You look at the ADQI/ICA recommendations. It discusses two trials, Maiwall et al. 2022 and Philips et al. 2021, and from these trials it concludes:

“The use of albumin was associated with a significantly greater improvement in haemodynamics in the short term, [but] … did not improve renal outcomes or need for RRT compared to crystalloids.”

Let’s take a look at these trials.

First, Maiwall et al. 2022 state the following.

“Albumin was superior to plasmalyte in achieving MAP > 65 mmHg at 3 hours (62% vs. 22%; p <0.001). [A] reduced need for dialysis (48% vs. 62%; p = 0.16), and a longer time to initiation of dialysis (in hours) (68.13±47.79 vs. 99.7± 63.4; p = 0.06) were seen with albumin.“

Note the lack of significance of the dialysis outcomes. However, the dialysis outcomes are secondary. The trial’s primary outcome, for which it is powered, is mean arterial pressure.

Similarly, the primary outcome in Philips et al. 2021 is the reversal of hypotension, and the trial is powered for this as well. Secondary outcomes include urine output, which is not found to be different in the albumin and saline groups (p=0.291).

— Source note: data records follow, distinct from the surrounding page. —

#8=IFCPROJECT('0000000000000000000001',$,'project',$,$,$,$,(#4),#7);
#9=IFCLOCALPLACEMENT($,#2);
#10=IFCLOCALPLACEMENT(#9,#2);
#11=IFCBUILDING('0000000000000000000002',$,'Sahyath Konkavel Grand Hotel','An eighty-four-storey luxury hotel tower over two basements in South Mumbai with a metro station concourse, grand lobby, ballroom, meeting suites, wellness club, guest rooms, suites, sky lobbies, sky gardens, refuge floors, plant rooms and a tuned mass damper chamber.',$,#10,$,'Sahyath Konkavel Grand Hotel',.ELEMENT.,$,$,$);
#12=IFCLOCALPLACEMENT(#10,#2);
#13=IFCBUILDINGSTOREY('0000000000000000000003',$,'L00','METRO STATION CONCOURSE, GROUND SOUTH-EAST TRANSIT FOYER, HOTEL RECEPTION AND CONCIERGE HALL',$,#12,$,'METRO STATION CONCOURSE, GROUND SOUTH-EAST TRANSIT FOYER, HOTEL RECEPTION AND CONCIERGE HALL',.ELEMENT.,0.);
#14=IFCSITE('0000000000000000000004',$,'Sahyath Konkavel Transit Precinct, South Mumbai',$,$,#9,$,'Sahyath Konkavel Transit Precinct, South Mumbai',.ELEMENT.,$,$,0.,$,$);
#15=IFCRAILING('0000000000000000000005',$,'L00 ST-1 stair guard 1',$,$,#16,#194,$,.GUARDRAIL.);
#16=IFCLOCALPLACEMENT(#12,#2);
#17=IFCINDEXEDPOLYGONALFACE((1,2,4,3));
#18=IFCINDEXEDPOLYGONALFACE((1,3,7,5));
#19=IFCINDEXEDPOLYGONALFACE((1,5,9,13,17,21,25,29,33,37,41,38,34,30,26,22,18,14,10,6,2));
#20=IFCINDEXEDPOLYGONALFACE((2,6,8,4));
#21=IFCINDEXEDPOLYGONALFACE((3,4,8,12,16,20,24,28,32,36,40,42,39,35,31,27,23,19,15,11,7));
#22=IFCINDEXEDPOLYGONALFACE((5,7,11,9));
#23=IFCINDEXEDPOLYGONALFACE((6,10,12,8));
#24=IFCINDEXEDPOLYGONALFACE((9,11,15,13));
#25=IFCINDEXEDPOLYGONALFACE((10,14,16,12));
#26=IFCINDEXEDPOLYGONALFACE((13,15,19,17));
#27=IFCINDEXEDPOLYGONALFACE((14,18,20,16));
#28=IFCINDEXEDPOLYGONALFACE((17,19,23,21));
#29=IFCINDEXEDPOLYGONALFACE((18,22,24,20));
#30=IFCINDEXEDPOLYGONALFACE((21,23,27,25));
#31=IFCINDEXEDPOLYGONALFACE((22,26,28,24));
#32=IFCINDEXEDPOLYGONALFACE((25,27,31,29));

Hence, both trials were powered for mean arterial pressure, not renal outcomes. Mean arterial pressure, a physiologic signal, likely does not fluctuate much, and therefore, in between group comparisons, has more signal than outcomes like the time to initiation of dialysis, which may depend on external factors like the hospital workflow. Urine output is also a physiologic signal, but it might be noisier than something like mean arterial pressure. Detecting a difference between the treated and untreated group might be easier for a less noisy outcome. Mean arterial pressure, therefore, might require a relatively small sample to detect an effect, whereas time to dialysis, and other renal outcomes, might require a larger one.

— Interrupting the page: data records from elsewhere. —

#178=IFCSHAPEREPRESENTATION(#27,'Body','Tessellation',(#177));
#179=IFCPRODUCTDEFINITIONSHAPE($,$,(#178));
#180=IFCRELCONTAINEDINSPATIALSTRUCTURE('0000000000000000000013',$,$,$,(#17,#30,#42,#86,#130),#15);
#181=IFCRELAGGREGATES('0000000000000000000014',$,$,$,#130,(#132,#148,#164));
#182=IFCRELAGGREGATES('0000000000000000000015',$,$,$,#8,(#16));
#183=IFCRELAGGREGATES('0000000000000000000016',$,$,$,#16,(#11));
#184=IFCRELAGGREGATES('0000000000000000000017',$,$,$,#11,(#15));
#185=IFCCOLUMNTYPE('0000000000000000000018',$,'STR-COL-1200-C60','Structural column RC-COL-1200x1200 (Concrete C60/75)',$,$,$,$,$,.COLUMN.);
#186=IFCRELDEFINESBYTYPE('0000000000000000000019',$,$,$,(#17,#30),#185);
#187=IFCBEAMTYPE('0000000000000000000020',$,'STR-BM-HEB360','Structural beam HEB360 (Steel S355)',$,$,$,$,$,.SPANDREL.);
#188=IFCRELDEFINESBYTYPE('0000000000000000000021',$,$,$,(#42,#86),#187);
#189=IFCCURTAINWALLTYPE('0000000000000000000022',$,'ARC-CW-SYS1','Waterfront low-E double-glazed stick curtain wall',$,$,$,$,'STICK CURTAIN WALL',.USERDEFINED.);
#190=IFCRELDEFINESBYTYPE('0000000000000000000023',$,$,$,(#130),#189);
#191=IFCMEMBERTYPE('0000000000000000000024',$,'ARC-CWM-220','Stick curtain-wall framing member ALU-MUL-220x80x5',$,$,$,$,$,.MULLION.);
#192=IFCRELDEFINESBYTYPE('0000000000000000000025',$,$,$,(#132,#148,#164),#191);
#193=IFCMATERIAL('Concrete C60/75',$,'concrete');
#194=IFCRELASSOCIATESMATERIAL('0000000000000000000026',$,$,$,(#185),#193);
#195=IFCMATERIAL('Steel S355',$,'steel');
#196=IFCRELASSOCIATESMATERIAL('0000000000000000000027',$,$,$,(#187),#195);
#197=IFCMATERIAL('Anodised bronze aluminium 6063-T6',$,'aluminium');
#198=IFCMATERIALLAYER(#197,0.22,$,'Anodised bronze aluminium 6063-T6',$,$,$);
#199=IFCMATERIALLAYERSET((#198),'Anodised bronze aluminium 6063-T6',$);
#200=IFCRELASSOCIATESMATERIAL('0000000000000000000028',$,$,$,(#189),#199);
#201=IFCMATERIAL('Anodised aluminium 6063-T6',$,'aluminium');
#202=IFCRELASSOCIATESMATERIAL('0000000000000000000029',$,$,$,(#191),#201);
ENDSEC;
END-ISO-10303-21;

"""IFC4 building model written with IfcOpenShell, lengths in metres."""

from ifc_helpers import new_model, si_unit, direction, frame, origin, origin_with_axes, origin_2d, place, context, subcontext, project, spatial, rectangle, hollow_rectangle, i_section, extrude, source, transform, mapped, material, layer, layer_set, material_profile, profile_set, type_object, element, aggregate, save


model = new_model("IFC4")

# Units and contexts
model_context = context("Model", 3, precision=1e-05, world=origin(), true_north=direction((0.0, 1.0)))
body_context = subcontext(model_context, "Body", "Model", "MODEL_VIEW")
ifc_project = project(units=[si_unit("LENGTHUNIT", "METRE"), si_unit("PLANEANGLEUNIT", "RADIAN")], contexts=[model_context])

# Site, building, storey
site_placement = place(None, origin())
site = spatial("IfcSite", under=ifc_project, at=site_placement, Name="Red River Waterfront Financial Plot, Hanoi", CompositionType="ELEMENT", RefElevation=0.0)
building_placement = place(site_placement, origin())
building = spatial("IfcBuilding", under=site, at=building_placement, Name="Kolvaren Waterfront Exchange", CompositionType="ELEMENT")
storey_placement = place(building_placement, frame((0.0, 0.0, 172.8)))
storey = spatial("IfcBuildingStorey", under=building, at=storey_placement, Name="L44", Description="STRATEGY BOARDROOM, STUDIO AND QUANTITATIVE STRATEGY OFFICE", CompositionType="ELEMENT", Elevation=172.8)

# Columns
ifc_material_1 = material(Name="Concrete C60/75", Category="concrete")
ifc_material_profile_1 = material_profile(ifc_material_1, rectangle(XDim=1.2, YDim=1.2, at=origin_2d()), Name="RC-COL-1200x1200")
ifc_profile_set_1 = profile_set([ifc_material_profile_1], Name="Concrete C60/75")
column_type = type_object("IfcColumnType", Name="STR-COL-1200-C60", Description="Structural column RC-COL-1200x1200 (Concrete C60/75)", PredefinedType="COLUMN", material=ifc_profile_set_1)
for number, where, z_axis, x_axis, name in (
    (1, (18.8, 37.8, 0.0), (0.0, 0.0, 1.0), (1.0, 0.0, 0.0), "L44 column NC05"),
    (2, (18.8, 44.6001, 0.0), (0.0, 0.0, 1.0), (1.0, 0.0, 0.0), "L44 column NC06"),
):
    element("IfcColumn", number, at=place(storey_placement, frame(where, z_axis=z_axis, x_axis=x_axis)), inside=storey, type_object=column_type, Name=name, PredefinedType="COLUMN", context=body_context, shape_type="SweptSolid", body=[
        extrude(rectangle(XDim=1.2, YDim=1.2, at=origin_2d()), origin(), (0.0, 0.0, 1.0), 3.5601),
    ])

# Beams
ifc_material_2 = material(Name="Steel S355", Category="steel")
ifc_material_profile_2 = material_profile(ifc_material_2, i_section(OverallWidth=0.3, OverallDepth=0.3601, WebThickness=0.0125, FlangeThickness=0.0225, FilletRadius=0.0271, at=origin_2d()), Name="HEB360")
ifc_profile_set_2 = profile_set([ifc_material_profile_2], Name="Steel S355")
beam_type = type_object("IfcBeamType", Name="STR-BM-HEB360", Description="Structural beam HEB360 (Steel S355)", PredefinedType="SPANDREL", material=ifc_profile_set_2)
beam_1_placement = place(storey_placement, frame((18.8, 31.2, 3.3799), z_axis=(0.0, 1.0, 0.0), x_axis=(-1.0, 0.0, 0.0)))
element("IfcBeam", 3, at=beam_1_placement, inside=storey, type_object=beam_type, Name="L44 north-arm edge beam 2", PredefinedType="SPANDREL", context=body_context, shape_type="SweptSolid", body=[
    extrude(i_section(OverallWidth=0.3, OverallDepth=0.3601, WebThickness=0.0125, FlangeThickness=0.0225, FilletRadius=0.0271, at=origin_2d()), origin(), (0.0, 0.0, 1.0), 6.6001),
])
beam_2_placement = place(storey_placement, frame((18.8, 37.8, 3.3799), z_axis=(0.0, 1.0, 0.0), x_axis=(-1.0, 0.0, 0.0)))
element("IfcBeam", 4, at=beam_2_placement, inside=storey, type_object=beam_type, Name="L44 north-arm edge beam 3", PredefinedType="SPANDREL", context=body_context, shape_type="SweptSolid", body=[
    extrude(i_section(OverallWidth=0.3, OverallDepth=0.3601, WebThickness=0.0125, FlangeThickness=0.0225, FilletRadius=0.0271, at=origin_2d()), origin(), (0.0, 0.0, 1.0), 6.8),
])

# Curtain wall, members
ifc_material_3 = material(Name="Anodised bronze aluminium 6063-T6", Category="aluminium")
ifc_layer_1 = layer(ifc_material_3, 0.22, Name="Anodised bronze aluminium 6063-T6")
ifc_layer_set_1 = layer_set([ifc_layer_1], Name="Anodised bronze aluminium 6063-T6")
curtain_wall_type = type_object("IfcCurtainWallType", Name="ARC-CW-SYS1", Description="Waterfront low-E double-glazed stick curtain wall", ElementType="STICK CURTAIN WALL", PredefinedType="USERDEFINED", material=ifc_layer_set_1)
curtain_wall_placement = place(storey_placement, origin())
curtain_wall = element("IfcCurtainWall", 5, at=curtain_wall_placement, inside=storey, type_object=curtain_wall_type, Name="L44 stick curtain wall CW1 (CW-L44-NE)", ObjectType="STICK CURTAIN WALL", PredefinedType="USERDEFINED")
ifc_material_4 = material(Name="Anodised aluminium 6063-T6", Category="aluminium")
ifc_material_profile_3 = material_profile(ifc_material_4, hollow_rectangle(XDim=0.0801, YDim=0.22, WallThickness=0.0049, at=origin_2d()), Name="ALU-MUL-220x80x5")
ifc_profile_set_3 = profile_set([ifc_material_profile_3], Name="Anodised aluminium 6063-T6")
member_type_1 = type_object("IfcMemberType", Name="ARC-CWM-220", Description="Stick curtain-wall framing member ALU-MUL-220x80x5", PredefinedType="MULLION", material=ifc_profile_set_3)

Hence, when interpreting potentially noisier secondary outcomes in these trials, one has to be careful not to assume that “absence of evidence is evidence of absence.” Overall, it seems, the trials did not imply that albumin did not improve renal outcomes (as stated in the consensus guidelines). Instead, the trials were inconclusive.

The ADQI/ICA recommendations then go on to give a nice biological rationale for using albumin. This rationale might be dismissed, if one misinterprets the trials as evidence of absence. In general, although the wording could be improved in the ADQI/ICU recommendations, the authors luckily avoid dismissing this rationale, as does UpToDate.